Haunting Ruby’s dreams of connecting with a larger cross-section of the public through fashion is his label’s pricing structure. On the high end of the scale, the inaugural S.R. Studio collection includes a handful of unique, hand-worked pieces costing between $40,000 and $45,000 each. But on the “low” end are ready-to-wear offerings like t-shirts, leggings, and denim… all priced at $400 and up.

Binkley hits the conundrum right between the eyes by writing that Ruby “seemed to think that the buyers of $400 t-shirts would be a different order of consumer from the buyers of million-dollar paintings.” Of course, Ruby’s perception pans out in only the most superficial way, as exemplified by a post-Pitti-Uomo scene in which the teen grandchildren of mega-collectors Don and Mera Rubell all go online to cop S.R. Studio ready-to-wear items.

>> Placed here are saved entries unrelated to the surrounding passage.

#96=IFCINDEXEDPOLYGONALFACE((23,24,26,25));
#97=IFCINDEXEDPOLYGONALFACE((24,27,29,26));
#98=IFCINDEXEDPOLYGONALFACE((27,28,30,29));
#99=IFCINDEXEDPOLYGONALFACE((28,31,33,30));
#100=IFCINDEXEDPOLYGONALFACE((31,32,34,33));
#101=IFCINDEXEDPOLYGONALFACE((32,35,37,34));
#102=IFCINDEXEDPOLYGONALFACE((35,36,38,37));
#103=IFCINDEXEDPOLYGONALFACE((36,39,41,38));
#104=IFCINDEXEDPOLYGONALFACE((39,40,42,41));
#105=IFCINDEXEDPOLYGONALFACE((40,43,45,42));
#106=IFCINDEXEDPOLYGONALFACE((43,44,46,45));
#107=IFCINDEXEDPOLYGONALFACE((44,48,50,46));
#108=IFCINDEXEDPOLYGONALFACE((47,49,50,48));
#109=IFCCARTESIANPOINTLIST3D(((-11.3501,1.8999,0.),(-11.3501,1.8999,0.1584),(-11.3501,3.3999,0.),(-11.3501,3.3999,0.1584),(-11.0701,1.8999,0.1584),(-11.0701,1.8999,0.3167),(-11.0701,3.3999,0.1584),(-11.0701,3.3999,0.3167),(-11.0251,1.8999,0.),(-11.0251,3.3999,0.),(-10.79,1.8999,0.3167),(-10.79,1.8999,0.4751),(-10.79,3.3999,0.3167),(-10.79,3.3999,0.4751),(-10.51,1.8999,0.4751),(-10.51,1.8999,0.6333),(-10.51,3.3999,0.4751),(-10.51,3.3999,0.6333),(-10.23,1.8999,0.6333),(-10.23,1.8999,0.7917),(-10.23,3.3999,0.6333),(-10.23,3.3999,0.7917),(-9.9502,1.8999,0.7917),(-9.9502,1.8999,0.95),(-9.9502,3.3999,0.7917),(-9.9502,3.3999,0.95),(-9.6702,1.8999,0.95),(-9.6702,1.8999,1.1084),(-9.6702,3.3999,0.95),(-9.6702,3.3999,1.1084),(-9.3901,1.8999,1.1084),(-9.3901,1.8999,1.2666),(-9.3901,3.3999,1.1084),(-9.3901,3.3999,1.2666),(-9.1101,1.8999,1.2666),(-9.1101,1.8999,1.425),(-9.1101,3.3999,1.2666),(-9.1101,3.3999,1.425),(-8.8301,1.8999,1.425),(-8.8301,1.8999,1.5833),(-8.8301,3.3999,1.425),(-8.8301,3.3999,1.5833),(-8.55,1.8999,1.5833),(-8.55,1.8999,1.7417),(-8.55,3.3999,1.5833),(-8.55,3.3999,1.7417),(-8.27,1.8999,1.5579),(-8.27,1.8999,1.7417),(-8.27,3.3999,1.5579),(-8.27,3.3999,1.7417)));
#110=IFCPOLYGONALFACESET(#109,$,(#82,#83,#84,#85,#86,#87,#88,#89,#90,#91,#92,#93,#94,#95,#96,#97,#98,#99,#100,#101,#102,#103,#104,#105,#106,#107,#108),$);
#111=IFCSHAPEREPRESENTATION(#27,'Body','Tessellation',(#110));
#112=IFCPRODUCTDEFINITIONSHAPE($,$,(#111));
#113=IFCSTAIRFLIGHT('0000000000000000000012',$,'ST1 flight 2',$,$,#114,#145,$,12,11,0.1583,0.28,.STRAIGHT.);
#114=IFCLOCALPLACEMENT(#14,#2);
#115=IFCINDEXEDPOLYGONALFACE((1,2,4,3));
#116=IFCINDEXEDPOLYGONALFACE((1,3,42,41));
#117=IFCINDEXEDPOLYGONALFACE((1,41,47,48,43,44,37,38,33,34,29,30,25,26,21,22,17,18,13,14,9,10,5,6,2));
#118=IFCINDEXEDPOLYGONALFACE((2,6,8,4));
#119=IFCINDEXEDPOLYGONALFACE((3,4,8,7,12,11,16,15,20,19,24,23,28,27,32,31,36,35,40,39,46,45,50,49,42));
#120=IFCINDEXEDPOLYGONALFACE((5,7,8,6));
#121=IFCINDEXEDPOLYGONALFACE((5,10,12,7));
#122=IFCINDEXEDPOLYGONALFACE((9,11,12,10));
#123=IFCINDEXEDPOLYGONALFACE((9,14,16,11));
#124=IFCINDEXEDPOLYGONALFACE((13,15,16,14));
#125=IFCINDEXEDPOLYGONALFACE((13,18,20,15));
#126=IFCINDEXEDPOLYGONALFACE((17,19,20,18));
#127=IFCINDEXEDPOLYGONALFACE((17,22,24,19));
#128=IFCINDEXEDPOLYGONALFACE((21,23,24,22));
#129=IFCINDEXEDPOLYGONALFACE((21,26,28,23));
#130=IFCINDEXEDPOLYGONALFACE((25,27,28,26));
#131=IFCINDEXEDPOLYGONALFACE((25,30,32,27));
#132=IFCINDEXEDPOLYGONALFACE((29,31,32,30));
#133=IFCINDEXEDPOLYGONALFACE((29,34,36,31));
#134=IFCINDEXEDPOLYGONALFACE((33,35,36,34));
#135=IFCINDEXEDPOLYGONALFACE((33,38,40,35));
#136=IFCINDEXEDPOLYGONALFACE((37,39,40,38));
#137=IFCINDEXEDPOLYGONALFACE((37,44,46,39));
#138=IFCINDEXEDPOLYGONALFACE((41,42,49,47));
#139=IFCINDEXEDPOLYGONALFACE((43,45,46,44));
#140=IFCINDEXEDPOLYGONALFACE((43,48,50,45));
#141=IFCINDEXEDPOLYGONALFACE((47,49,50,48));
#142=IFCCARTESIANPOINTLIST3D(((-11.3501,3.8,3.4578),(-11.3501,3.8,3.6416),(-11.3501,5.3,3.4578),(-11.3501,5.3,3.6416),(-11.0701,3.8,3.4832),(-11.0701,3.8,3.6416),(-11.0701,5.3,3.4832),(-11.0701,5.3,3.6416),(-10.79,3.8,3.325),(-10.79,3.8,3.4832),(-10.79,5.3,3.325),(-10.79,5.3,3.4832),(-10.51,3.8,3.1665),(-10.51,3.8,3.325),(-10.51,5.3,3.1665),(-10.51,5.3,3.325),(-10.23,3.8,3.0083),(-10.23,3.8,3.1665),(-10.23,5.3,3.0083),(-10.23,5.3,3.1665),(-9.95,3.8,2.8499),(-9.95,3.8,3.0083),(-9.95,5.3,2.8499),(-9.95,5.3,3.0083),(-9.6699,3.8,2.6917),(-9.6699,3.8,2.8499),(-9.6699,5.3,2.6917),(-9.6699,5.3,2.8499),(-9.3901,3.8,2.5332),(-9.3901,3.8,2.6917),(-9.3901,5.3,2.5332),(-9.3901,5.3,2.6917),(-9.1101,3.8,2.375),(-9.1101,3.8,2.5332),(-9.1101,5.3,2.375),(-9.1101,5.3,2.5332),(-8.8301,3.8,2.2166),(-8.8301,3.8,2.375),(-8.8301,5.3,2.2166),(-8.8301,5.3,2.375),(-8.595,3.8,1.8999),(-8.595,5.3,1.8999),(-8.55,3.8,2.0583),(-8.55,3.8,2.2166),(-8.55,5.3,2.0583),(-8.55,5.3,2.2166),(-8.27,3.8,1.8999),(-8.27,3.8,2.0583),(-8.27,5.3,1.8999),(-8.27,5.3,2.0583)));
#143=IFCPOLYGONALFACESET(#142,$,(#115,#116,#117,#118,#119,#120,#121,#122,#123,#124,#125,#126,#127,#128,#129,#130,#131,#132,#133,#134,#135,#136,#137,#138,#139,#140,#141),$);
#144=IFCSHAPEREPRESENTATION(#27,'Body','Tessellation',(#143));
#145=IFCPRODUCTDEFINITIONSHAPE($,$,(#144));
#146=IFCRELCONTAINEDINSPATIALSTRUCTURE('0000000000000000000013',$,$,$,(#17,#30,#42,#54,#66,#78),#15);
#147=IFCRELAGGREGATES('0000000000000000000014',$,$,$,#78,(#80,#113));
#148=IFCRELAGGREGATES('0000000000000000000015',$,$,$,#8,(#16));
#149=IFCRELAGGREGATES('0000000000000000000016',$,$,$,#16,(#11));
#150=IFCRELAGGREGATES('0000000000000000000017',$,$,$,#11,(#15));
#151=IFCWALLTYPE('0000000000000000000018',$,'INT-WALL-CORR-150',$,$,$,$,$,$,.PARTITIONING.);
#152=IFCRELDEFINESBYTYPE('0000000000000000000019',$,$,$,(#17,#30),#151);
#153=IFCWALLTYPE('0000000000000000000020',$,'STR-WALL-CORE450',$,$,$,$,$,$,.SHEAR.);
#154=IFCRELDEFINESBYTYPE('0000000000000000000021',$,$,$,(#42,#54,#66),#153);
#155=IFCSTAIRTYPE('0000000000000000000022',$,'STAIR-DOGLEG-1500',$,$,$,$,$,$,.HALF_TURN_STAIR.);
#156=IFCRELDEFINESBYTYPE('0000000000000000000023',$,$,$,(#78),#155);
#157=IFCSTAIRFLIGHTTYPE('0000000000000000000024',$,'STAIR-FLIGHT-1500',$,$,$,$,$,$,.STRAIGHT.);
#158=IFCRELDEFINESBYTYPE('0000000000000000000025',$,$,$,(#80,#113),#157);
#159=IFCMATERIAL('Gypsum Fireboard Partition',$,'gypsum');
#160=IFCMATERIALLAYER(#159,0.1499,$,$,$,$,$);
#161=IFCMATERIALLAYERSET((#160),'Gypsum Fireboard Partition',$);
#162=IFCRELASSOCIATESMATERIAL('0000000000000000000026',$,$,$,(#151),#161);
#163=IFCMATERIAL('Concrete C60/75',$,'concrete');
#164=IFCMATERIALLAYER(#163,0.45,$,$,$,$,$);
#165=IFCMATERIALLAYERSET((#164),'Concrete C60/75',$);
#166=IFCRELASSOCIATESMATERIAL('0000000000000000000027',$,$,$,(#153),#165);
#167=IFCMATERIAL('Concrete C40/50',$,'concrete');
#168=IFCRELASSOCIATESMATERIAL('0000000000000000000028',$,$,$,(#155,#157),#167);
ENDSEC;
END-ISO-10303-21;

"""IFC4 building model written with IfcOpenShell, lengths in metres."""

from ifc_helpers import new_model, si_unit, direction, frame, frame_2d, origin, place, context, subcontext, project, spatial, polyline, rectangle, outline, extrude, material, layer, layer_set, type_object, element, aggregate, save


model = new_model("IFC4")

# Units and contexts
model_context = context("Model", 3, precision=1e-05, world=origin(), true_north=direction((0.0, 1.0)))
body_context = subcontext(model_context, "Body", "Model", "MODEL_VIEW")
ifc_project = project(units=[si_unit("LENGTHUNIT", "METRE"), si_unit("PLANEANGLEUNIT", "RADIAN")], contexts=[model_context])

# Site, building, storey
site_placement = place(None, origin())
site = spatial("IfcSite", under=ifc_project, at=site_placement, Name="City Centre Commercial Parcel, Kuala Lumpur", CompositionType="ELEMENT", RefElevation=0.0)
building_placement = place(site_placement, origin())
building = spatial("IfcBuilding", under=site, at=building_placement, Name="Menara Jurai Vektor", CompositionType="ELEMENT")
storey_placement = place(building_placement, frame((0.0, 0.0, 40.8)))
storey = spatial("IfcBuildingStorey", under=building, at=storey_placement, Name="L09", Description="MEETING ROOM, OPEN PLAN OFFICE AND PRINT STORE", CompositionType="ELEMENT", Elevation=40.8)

It turns out that even this prank version of populism—I’m tempted to start referring to it as the “de-mock-ratization of art”—is an exception rather than the rule. Binkley reports that, shortly after the runway show, Ruby’s label “had received inquiries for nearly every one of the eight unique pieces,” including from “several” museums. But the t-shirts and sweatshirts designed for mass consumption “went largely unsold” by the time she finalized her piece, while the more expensive limited-edition garments, such as $2,495 hand-dyed prairie dresses, “sold briskly.”

To sum up, then, the fashion project Ruby embarked on to bring his work to a wider audience at lower prices instead reinforced the strength of the same high-priced scarcity model that helped sour him on the art world in the first place. And given that his friend Simons straight-up told us that he fantasizes about escaping the traditional fashion grind largely to produce less work—or at least produce work less often—and exhibit it alongside that of artists, I don’t think the outcome should have hit anyone with the unexpected force of a falling window air-conditioner. 

I applaud Ruby for pushing himself out of his comfort zone with the S.R. Studio line. I agree with his critiques of the high-speed, low-risk 21st century art market. Based on the rhetoric and results in Binkley’s piece, I just don’t think the high-fashion model is the balm for those maladies (even if it’s decoupled from the seasonal cycle). Instead, to find real solutions, we have to follow the lead of Ruby’s runway models, and keep walking.